Search code examples
deep-learningsimilarityinformation-retrievaldoc2vecdocument-classification

What is the best way to represent a collection of documents in a fixed length vector?


I am trying to build a deep neural networks that takes in a set of documents and predicts the category it belongs.

Since number of documents in each collection is not fixed, my first attempt was to get a mapping of documents from doc2vec and use the average.

The accuracy on training is high as 90% but the testing accuracy is low as 60%.

Is there a better way of representing a collection of documents as a fixed length vector so that the words they have in common are captured?


Solution

  • The description of your process so far is a bit vague and unclear – you may want to add more detail to your question.

    Typically, Doc2Vec would convert each doc to a vector, not "a collection of documents".

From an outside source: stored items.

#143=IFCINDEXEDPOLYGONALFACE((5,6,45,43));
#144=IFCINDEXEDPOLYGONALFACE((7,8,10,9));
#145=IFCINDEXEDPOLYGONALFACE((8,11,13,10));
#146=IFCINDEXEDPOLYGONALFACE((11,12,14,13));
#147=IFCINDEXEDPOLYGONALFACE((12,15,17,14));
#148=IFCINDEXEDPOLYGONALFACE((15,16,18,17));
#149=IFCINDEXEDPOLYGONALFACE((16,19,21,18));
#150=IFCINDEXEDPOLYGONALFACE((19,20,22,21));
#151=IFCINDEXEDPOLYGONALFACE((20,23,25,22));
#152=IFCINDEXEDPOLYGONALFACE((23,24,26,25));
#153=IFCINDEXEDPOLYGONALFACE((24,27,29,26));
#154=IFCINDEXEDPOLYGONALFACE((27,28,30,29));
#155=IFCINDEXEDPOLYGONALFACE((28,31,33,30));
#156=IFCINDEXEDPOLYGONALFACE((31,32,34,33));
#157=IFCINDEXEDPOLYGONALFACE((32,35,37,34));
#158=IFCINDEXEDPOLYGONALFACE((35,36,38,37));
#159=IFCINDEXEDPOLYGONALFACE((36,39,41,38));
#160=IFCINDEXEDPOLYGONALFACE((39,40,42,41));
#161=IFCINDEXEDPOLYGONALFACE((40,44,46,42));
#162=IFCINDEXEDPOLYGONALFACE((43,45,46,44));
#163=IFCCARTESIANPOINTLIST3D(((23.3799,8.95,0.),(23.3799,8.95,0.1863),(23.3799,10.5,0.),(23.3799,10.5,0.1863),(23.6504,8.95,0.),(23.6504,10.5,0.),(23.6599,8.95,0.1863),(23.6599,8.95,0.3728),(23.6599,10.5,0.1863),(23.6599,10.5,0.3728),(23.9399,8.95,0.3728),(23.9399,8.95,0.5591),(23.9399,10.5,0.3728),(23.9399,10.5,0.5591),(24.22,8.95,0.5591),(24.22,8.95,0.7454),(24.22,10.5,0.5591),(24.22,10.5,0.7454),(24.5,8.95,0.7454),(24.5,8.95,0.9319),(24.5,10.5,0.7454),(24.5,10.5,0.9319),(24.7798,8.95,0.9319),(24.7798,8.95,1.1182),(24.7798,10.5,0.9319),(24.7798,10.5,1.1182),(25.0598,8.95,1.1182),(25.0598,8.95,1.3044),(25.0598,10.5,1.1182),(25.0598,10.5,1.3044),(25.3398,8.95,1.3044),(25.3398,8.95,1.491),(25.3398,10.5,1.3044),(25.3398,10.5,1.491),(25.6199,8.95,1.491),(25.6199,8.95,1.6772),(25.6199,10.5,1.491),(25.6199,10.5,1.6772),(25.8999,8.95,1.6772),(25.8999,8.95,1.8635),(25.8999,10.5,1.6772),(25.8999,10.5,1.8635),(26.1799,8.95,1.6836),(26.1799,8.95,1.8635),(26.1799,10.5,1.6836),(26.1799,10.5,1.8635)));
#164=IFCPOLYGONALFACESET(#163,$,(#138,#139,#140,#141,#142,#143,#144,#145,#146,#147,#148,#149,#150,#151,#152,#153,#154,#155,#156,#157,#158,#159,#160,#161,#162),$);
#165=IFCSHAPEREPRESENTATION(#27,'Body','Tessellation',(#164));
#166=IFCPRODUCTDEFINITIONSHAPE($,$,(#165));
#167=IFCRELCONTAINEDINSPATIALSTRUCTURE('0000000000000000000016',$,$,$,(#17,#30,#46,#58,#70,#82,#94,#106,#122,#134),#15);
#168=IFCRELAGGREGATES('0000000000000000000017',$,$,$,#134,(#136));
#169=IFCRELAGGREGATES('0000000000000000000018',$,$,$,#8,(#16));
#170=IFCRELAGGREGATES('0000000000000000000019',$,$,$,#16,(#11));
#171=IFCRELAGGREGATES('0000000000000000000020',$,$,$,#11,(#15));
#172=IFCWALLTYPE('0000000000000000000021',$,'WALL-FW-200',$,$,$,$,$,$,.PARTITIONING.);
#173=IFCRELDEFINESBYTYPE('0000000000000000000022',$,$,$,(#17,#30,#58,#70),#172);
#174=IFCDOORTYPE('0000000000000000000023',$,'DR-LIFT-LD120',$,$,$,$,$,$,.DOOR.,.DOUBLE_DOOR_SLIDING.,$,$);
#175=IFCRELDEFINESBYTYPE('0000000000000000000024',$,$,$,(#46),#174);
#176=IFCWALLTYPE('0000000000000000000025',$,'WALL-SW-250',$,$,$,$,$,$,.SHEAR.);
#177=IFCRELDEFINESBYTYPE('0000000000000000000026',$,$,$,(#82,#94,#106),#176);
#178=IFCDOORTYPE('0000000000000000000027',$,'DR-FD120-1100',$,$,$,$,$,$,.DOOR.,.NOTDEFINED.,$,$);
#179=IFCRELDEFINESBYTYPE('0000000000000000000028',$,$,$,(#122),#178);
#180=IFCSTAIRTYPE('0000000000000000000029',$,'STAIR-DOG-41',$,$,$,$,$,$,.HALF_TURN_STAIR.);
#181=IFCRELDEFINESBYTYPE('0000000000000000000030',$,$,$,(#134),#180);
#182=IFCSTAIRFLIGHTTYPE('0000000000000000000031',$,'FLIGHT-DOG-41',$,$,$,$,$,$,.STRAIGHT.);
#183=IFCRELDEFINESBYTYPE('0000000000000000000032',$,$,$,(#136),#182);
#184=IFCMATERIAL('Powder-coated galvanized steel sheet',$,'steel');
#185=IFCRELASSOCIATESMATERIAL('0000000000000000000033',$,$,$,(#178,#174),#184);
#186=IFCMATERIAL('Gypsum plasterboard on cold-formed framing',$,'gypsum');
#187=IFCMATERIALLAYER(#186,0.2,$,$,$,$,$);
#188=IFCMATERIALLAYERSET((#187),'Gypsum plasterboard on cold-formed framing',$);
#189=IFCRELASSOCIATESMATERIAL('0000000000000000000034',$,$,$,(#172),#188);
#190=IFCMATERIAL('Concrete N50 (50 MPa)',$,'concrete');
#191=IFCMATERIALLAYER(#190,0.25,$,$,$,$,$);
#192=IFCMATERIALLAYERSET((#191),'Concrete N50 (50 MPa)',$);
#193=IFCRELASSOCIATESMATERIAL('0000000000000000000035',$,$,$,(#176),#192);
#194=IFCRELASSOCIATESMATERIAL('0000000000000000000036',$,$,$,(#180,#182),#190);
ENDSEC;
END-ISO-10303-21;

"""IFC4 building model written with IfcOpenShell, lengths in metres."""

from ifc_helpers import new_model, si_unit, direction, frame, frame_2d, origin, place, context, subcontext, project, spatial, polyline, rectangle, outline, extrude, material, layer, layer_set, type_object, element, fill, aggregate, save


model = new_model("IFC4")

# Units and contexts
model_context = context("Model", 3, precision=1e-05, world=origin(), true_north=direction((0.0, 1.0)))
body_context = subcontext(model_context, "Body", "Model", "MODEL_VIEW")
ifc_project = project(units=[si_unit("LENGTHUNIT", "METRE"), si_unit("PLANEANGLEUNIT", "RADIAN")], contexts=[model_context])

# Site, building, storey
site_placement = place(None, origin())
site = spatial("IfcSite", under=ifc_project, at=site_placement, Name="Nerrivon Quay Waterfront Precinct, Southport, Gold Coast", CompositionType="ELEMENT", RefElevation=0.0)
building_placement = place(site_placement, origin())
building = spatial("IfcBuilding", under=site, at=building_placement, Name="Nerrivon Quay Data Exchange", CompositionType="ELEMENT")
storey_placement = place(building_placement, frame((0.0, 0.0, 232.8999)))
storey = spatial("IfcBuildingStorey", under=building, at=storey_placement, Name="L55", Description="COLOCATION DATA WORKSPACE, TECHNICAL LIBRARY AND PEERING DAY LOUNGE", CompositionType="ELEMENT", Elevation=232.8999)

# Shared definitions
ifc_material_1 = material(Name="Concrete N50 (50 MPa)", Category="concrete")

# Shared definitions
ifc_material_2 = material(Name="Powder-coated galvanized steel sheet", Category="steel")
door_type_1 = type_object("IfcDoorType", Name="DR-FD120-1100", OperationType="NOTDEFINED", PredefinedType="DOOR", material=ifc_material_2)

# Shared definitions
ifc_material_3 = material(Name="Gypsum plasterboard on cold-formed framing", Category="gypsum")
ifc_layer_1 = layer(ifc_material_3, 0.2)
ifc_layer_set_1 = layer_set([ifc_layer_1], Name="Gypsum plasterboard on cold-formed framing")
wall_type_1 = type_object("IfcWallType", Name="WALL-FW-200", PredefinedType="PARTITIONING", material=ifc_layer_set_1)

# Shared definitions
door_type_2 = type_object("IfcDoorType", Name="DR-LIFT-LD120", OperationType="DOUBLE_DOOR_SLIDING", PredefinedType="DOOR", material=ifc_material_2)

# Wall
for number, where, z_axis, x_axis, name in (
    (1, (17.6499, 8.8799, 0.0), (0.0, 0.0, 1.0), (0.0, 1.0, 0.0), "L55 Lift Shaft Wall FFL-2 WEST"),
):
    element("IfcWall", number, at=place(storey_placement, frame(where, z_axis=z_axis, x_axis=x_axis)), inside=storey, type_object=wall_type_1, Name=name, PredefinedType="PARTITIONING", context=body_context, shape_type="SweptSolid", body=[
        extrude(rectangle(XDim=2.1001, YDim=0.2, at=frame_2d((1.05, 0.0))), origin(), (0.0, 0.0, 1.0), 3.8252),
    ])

    If you did try to collapse a collection into a single vector – for example, by averaging many doc-vecs, or calculating a vector for a synthetic document with all the sub-documents' words – you might be losing valuable higher-dimensional structure.

    To "predict the category" would be a typical "classification" problem, and with a bunch of documents (represented by their per-doc vectors) and known-labels, you could try various kinds of classifiers.

    I suspect from your description, that you may just be collapsing a category to a single vector, then classifying new documents by checking which existing category-vector they're closest-to. That can work – it's vaguely a K-Nearest-Neighbors approach, but with every category reduced to one summary vector rather than the full set of known examples, and each classification being made by looking at just one single nearest-neighbor. That forces a simplicity on the process that may not match the "shapes" of the real categories as well as a true KNN classifier, or other classifiers, could achieve.

    If accuracy on test data falls far below that observed during training, that can indicate that significant "overfitting" is occurring: the model(s) are essentially memorizing idiosyncrasies of the training data to "cheat" at answers based on arbitrary correlations, rather than learning generalizable rules. Making your model(s) smaller – such as by decreasing the dimensionality of your doc-vectors – may help in such situations, by giving the model less extra state in which to remember peculiarities of the training data. More data can also help - as the "noise" in more numerous varied examples tends of cancel itself out, rather than achieve the sort of misguided importance that can be learned in smaller datasets.

    There are other ways to convert a variable-length text into a fixed-length vector, including many based on deeper learning algorithms. But, those can be even more training-data-hungry, and it seems like you may have other factors to improve before trying those in-lieu-of Doc2Vec.